In summary, we demonstrated a multiple-coil magnetic nozzle system to control unsteady laser-produced plasma flow. The plasma flow was deflected in a certain direction depending on the initial magnetic field structure, which could be altered by changing the number of coils being operated. The magnetic cavity and field compression were observed with a B-dot probe, and the field structure changed depending on the flow direction. A combined numerical simulation of two-dimensional radiation hydrodynamic and three-dimensional hybrid codes shows consistency with the experiment in terms of the density structure inside and outside the coil system. The structure outside this system is evaluated using artificial camera images from the simulation and compared with that observed in the experiment. Though the time-evolution in the simulation is ~0.1–0.2 μs slower than the experiment, the plasma structures both from the experiment and simulation are identical. The simulation suggests that the maximum deflection angles of 56.7 degrees and 20 degrees are obtained with the operations of two coils and three coils, respectively, in the same setup as in the experiment.


Experimental Details

The DB laser is an amplified single–pulse Nd:YAG laser, and the experimental data with different magnetic configurations were obtained in different laser shots. The reproducibilities of energy and pulse width were well within approximately 3% and ~1%, respectively, and the plasma expansion and structure formation were obtained as shown in Fig. 3.

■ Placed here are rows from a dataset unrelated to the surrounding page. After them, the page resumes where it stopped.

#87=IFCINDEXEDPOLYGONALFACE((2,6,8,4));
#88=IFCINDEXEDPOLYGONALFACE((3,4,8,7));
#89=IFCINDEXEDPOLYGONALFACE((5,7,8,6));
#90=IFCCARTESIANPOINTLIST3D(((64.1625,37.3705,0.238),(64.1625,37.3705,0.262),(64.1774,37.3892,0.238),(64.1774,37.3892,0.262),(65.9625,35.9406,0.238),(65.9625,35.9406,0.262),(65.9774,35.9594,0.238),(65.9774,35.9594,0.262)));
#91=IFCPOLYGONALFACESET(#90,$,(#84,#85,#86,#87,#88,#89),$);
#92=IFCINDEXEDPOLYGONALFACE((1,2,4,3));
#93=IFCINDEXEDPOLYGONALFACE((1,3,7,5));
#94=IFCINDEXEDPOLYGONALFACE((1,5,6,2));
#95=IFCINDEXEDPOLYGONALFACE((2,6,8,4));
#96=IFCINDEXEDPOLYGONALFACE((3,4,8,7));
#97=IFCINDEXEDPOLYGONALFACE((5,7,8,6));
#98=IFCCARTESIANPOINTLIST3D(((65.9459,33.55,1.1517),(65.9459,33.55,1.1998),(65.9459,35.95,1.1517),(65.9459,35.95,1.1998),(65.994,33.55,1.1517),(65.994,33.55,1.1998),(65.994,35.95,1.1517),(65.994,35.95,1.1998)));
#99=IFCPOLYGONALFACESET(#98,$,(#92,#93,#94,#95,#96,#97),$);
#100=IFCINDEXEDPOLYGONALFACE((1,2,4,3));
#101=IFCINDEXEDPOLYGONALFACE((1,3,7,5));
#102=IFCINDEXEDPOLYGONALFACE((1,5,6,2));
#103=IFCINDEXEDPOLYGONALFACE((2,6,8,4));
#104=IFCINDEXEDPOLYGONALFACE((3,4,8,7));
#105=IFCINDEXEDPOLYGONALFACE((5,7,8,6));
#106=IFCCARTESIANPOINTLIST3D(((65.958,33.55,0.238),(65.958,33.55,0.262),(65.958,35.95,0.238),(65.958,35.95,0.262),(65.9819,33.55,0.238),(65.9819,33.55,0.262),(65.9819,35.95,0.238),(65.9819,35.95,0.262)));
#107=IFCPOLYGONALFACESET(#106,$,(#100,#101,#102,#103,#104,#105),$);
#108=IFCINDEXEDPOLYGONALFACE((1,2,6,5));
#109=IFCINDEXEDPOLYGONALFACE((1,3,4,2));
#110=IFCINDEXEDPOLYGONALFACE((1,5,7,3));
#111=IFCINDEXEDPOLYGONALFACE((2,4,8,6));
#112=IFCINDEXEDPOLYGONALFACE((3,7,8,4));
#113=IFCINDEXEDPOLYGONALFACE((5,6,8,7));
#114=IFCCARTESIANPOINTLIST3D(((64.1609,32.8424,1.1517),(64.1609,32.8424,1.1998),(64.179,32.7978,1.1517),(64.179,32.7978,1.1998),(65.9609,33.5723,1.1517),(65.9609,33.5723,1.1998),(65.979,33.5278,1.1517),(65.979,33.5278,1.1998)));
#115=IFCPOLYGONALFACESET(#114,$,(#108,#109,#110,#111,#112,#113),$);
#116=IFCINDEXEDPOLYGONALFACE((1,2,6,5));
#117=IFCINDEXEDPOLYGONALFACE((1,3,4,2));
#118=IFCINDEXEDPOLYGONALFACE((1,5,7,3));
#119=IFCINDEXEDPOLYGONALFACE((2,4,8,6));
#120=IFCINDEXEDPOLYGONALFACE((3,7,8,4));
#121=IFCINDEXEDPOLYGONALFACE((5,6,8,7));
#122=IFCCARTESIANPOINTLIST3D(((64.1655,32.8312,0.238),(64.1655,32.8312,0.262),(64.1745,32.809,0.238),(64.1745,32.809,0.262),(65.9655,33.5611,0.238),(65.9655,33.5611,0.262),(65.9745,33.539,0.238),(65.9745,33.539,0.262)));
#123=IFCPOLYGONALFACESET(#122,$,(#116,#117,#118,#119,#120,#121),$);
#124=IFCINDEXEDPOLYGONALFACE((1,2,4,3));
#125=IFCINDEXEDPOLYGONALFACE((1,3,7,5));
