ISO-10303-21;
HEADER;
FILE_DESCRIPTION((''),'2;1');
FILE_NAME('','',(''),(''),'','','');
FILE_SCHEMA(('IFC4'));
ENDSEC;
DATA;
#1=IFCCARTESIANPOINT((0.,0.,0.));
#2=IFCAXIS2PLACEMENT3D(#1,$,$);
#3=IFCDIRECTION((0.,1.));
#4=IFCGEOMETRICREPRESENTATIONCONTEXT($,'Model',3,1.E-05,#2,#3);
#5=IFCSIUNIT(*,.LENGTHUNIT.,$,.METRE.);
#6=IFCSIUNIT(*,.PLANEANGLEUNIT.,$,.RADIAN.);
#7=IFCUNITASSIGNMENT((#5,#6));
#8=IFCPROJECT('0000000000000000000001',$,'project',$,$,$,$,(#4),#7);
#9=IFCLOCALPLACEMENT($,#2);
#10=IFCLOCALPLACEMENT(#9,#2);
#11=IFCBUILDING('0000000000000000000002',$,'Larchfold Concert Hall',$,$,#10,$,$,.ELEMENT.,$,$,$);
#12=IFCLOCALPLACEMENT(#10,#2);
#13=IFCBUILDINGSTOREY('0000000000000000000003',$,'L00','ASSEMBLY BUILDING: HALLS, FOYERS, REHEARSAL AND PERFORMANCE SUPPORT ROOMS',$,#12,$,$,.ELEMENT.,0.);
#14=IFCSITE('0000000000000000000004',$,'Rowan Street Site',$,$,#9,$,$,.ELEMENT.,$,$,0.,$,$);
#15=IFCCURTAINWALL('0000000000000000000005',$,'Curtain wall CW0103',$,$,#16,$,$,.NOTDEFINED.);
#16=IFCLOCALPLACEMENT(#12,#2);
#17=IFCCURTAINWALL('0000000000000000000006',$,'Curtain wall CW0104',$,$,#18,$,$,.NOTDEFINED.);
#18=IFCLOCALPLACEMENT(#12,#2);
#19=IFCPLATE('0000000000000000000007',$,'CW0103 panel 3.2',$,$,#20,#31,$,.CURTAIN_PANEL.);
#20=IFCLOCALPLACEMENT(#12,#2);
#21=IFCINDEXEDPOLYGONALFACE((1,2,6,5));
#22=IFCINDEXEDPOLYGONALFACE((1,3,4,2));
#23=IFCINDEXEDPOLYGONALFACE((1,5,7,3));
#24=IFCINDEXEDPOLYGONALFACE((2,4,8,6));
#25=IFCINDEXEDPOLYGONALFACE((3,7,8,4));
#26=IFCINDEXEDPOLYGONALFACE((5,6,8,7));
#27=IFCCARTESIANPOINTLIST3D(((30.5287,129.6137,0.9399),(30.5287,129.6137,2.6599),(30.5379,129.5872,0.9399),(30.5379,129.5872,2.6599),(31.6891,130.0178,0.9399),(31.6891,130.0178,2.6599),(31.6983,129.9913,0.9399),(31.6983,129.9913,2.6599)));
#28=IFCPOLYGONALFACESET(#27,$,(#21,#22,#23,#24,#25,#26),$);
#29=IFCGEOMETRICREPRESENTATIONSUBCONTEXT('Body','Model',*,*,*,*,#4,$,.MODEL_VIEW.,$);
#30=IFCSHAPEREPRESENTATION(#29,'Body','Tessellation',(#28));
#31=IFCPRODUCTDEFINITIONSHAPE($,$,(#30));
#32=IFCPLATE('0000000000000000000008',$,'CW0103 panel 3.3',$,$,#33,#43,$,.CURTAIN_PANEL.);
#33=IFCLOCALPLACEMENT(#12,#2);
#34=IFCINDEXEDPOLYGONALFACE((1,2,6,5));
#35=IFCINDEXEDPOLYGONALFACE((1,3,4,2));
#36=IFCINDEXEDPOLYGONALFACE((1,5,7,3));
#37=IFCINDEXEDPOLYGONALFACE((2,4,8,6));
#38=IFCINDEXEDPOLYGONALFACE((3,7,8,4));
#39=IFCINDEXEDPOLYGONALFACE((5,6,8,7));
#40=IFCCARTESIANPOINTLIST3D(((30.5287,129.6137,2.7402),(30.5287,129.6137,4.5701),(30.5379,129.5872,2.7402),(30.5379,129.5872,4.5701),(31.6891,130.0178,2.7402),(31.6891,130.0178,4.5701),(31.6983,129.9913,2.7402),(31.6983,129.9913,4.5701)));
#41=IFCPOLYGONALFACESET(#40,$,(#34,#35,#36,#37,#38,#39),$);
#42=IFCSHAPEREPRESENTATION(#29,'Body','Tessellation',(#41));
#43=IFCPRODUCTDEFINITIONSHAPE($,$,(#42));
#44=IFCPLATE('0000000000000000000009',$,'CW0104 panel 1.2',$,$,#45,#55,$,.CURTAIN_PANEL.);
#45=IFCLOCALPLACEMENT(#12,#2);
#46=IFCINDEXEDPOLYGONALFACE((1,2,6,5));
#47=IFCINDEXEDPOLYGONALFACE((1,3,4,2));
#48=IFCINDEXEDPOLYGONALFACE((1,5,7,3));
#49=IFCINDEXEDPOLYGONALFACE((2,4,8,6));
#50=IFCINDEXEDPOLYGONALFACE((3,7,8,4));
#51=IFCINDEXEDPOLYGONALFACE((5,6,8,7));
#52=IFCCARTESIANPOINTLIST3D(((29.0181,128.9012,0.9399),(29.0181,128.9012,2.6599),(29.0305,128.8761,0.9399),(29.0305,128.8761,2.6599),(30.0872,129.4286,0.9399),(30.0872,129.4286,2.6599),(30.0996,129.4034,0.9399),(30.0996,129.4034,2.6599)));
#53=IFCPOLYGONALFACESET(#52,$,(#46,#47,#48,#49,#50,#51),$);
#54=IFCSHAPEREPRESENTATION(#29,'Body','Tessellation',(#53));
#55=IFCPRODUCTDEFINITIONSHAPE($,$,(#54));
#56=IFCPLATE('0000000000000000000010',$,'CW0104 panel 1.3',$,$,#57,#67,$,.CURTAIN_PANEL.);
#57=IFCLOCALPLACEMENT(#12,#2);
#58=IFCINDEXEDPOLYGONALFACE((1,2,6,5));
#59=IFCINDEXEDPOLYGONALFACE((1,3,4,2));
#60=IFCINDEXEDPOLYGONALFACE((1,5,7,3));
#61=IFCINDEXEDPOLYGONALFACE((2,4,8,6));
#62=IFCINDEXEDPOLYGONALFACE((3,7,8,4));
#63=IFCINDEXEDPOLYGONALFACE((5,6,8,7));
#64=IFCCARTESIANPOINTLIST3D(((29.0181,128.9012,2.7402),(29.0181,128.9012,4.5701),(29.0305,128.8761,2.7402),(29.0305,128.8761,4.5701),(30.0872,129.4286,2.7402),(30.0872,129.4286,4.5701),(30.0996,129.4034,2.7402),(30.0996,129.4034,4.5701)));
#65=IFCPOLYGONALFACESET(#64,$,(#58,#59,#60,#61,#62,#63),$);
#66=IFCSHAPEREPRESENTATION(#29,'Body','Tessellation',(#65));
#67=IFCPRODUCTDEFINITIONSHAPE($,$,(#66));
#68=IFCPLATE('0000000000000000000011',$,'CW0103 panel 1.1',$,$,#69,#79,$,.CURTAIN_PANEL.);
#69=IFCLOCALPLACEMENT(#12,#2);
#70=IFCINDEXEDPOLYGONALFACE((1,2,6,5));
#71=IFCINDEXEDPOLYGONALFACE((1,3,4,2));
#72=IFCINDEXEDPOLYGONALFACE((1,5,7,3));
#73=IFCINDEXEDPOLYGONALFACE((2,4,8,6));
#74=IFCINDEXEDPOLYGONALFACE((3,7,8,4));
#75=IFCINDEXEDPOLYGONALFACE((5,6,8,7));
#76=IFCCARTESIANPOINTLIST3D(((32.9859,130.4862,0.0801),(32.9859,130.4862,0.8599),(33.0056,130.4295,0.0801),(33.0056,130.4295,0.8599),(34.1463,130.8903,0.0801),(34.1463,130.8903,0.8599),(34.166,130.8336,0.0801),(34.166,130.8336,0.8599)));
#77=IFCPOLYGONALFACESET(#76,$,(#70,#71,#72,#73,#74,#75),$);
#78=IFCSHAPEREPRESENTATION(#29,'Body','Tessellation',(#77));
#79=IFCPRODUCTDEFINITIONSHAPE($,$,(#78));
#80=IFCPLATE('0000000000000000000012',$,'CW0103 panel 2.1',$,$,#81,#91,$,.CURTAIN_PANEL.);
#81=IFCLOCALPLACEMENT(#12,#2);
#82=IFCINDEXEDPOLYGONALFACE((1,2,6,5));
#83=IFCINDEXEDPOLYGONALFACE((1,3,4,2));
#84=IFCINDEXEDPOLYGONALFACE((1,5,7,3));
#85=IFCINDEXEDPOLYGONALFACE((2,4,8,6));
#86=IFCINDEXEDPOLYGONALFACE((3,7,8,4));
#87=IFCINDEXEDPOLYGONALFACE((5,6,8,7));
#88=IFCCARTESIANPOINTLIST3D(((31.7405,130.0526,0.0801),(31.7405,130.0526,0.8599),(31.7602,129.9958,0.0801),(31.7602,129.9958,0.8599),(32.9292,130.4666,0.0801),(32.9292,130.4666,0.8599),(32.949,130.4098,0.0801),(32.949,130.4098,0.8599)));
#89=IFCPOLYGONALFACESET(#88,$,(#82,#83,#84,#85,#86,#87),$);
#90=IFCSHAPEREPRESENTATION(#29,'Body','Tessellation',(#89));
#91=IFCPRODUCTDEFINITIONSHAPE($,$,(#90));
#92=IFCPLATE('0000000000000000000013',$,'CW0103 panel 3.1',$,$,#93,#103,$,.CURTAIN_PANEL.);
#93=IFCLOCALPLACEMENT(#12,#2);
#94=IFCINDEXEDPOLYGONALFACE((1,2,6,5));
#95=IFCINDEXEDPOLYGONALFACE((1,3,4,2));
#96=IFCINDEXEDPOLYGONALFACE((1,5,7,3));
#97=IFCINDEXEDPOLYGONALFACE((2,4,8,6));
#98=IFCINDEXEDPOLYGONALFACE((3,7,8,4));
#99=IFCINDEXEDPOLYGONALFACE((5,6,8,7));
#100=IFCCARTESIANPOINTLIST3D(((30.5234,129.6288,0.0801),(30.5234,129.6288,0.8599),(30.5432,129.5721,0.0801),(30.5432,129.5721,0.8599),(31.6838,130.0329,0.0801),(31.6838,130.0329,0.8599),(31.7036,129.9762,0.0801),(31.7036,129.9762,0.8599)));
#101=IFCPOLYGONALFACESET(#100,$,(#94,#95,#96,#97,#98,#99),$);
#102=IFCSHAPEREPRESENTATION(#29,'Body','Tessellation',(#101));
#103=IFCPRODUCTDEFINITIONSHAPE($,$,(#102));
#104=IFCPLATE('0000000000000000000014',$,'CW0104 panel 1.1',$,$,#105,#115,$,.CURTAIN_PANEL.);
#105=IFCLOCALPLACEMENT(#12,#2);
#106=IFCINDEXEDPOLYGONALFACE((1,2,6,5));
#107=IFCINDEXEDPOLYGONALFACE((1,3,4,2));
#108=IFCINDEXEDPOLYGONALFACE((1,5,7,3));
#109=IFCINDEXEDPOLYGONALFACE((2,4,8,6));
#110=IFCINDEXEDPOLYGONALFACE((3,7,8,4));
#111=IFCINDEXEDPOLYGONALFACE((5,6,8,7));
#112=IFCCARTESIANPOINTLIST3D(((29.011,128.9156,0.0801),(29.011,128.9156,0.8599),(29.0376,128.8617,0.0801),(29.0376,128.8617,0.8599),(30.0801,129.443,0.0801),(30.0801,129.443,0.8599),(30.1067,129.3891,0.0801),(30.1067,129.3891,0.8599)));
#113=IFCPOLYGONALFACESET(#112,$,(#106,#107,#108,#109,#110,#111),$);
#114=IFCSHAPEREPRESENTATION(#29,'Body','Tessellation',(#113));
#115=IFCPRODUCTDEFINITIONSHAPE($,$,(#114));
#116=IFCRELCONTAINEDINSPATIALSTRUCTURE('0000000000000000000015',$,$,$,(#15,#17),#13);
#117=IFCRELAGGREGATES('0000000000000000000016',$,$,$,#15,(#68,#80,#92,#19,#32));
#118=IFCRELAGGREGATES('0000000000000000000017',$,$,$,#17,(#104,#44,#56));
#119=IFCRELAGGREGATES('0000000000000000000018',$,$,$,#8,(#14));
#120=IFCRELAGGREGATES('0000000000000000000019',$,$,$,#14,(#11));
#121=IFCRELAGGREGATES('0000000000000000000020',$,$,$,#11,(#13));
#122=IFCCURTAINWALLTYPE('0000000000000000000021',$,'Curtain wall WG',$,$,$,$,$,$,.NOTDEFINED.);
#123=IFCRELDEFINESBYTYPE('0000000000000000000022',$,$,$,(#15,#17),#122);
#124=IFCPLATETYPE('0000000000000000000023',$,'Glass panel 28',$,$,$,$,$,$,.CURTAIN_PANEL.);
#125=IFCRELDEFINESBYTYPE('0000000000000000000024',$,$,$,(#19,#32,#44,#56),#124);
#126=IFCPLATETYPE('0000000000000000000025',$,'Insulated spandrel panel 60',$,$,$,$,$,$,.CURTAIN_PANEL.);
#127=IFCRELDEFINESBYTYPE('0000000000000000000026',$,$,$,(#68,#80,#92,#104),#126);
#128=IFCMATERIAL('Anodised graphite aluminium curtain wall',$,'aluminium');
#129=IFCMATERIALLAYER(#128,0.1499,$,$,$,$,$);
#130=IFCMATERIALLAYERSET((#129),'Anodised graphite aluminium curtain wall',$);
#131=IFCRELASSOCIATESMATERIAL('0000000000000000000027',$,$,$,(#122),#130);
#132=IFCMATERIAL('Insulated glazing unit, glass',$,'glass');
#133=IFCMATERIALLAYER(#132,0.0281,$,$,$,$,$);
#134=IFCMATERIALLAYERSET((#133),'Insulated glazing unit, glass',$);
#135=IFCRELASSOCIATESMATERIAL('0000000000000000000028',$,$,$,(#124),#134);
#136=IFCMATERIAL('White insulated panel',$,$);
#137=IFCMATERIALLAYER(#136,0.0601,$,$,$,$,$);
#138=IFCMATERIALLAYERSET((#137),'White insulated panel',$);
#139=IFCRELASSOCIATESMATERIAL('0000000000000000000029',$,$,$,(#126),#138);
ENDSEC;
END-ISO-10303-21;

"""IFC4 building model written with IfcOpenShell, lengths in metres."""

from ifc_helpers import new_model, si_unit, direction, frame, origin, origin_2d, place, context, subcontext, project, spatial, rectangle, extrude, material, layer, layer_set, type_object, element, aggregate, save


model = new_model("IFC4")

# Units and contexts
model_context = context("Model", 3, precision=1e-05, world=origin(), true_north=direction((0.0, 1.0)))
body_context = subcontext(model_context, "Body", "Model", "MODEL_VIEW")
ifc_project = project(units=[si_unit("LENGTHUNIT", "METRE"), si_unit("PLANEANGLEUNIT", "RADIAN")], contexts=[model_context])

# Site, building, storey
site_placement = place(None, origin())
site = spatial("IfcSite", under=ifc_project, at=site_placement, Name="Rowan Street Site", CompositionType="ELEMENT", RefElevation=0.0)
building_placement = place(site_placement, origin())
building = spatial("IfcBuilding", under=site, at=building_placement, Name="Larchfold Concert Hall", CompositionType="ELEMENT")
storey_placement = place(building_placement, origin())
storey = spatial("IfcBuildingStorey", under=building, at=storey_placement, Name="L00", Description="ASSEMBLY BUILDING: HALLS, FOYERS, REHEARSAL AND PERFORMANCE SUPPORT ROOMS", CompositionType="ELEMENT", Elevation=0.0)

# Curtain walls
ifc_material_1 = material(Name="Anodised graphite aluminium curtain wall", Category="aluminium")
ifc_layer_1 = layer(ifc_material_1, 0.1499)
ifc_layer_set_1 = layer_set([ifc_layer_1], Name="Anodised graphite aluminium curtain wall")
curtain_wall_type = type_object("IfcCurtainWallType", Name="Curtain wall WG", PredefinedType="NOTDEFINED", material=ifc_layer_set_1)
curtain_wall_1_placement = place(storey_placement, origin())
curtain_wall_1 = element("IfcCurtainWall", 1, at=curtain_wall_1_placement, inside=storey, type_object=curtain_wall_type, Name="Curtain wall CW0103", PredefinedType="NOTDEFINED")
curtain_wall_2_placement = place(storey_placement, origin())
curtain_wall_2 = element("IfcCurtainWall", 2, at=curtain_wall_2_placement, inside=storey, type_object=curtain_wall_type, Name="Curtain wall CW0104", PredefinedType="NOTDEFINED")
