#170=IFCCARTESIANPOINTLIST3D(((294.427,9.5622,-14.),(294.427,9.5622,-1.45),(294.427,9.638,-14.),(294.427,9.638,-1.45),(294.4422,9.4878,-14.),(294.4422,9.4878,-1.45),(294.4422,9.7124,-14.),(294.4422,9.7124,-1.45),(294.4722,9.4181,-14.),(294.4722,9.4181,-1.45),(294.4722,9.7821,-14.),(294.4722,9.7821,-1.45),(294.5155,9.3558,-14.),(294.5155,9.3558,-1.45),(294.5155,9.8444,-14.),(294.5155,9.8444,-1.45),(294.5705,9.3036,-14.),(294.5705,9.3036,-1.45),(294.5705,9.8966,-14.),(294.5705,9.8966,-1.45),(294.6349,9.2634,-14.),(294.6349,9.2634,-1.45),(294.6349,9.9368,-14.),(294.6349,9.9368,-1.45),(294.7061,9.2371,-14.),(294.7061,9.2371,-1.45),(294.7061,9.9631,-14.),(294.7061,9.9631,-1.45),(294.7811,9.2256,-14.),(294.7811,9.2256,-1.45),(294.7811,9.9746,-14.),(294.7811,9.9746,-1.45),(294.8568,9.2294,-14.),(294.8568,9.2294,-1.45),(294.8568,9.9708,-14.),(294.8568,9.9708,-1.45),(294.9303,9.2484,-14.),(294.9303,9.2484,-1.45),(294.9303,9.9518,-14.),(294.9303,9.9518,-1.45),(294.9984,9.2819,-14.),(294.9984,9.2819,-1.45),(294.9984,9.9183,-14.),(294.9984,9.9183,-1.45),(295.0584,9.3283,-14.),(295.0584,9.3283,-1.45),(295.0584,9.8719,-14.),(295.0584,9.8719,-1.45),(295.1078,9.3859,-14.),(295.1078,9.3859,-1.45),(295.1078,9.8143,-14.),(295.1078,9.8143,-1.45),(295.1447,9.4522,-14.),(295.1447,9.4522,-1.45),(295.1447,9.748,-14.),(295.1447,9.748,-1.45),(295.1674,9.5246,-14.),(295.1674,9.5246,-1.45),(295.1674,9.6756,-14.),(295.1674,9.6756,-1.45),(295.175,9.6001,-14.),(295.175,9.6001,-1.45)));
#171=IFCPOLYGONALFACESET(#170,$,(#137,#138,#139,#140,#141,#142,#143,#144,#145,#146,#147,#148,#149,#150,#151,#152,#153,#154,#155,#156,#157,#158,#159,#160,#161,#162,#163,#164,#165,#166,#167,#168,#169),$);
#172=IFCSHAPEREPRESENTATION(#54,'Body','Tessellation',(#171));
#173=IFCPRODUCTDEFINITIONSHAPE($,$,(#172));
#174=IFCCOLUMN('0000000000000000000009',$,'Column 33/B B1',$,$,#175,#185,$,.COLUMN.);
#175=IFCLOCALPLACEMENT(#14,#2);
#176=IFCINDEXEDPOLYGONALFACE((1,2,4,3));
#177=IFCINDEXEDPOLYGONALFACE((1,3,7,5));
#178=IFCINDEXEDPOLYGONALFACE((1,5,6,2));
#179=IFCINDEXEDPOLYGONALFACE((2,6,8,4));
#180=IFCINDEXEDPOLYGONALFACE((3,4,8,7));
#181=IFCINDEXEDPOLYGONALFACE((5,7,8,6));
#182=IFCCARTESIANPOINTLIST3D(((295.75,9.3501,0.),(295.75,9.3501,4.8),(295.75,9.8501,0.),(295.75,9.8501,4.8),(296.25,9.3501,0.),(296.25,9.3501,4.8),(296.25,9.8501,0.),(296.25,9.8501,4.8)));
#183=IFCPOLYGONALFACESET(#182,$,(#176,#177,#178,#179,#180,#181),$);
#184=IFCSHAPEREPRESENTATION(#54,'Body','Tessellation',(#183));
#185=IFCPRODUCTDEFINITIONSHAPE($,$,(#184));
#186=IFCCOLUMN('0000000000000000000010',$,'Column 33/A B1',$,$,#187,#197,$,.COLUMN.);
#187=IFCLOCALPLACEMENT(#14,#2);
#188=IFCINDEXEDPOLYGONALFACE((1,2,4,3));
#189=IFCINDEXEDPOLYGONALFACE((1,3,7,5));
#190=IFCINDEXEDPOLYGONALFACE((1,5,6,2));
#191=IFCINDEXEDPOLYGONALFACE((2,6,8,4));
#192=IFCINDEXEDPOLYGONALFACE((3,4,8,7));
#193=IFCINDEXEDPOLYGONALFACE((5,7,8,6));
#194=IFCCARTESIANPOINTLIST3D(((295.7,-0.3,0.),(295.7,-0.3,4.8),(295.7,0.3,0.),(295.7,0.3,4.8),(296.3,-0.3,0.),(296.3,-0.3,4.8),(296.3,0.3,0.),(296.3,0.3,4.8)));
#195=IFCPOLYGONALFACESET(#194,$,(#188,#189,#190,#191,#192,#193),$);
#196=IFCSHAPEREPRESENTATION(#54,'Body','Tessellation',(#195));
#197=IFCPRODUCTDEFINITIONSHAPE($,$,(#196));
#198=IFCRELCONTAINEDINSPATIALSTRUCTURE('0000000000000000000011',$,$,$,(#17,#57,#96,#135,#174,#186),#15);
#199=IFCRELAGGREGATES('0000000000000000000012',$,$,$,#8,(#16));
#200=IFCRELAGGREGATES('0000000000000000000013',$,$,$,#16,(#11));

The plasma structure was measured with a gated optical imager at a wavelength of 450 nm with a width of 10 nm in FWHM, in which no strong emission lines exist for carbon and hydrogen atoms. The plasma density in the present experiment is normally optically thin, and the emission is evaluated as thermal bremsstrahlung emission.

$$\begin{array}{rcl}{\varepsilon }_{\lambda }({T}_{e}) & = & \frac{{2}^{5}\pi {e}^{6}}{{(4\pi {\varepsilon }_{0})}^{3}3m{c}^{2}{\lambda }^{2}}{(\frac{2\pi }{3m})}^{1/2}{g}^{ff}\frac{{Z}^{2}{n}_{e}{n}_{i}}{\sqrt{{T}_{e}}}\exp (-hc/\lambda {T}_{e})\\ & \propto & {Z}^{3}{n}_{i}^{2}\exp (-hc/\lambda {T}_{e}){g}^{ff}/\sqrt{{T}_{e}},\end{array}$$

where e is the elementary charge, ε 0 is the permittivity of free space, c is the speed of light, m is the electron mass, \(\lambda \simeq 450\) nm is the wavelength, h is the Planck constant, and \({g}^{ff} \sim 1\) is a velocity averaged Gaunt factor22. The emission intensity, therefore, strongly depends on the electron density and charge state, and the experimental and simulation results shown in Fig. 5 can be directly compared.

Simulation Methods

To simulate the laser-produced plasma, we conducted the two-dimensional radiation hydrodynamic simulation12 without an external magnetic field in an early stage of the plasma expansion. The laser pulse is in Gaussian shape in both time and space, and is propagated with the ray-tracing technique. The laser peak is set at t = 25 ns and the simulation ends at t = 33 ns.

The density distribution was converted to ion particle and electron fluid density and given as input to the three-dimensional hybrid simulation7, in which the equations of motion for electrons and ions, the equation of internal energy of electron fluids, and Maxwell equations are self-consistently calculated in the magnetic field as shown in Fig. 1(b–e) with four–, three–, and two–coil operations. In this calculation, the cold plasma condition (T e  = T i  = 0) is assumed for simplicity.

Data Availability

The datasets generated and/or analysed during the current study are available from the corresponding author on reasonable request.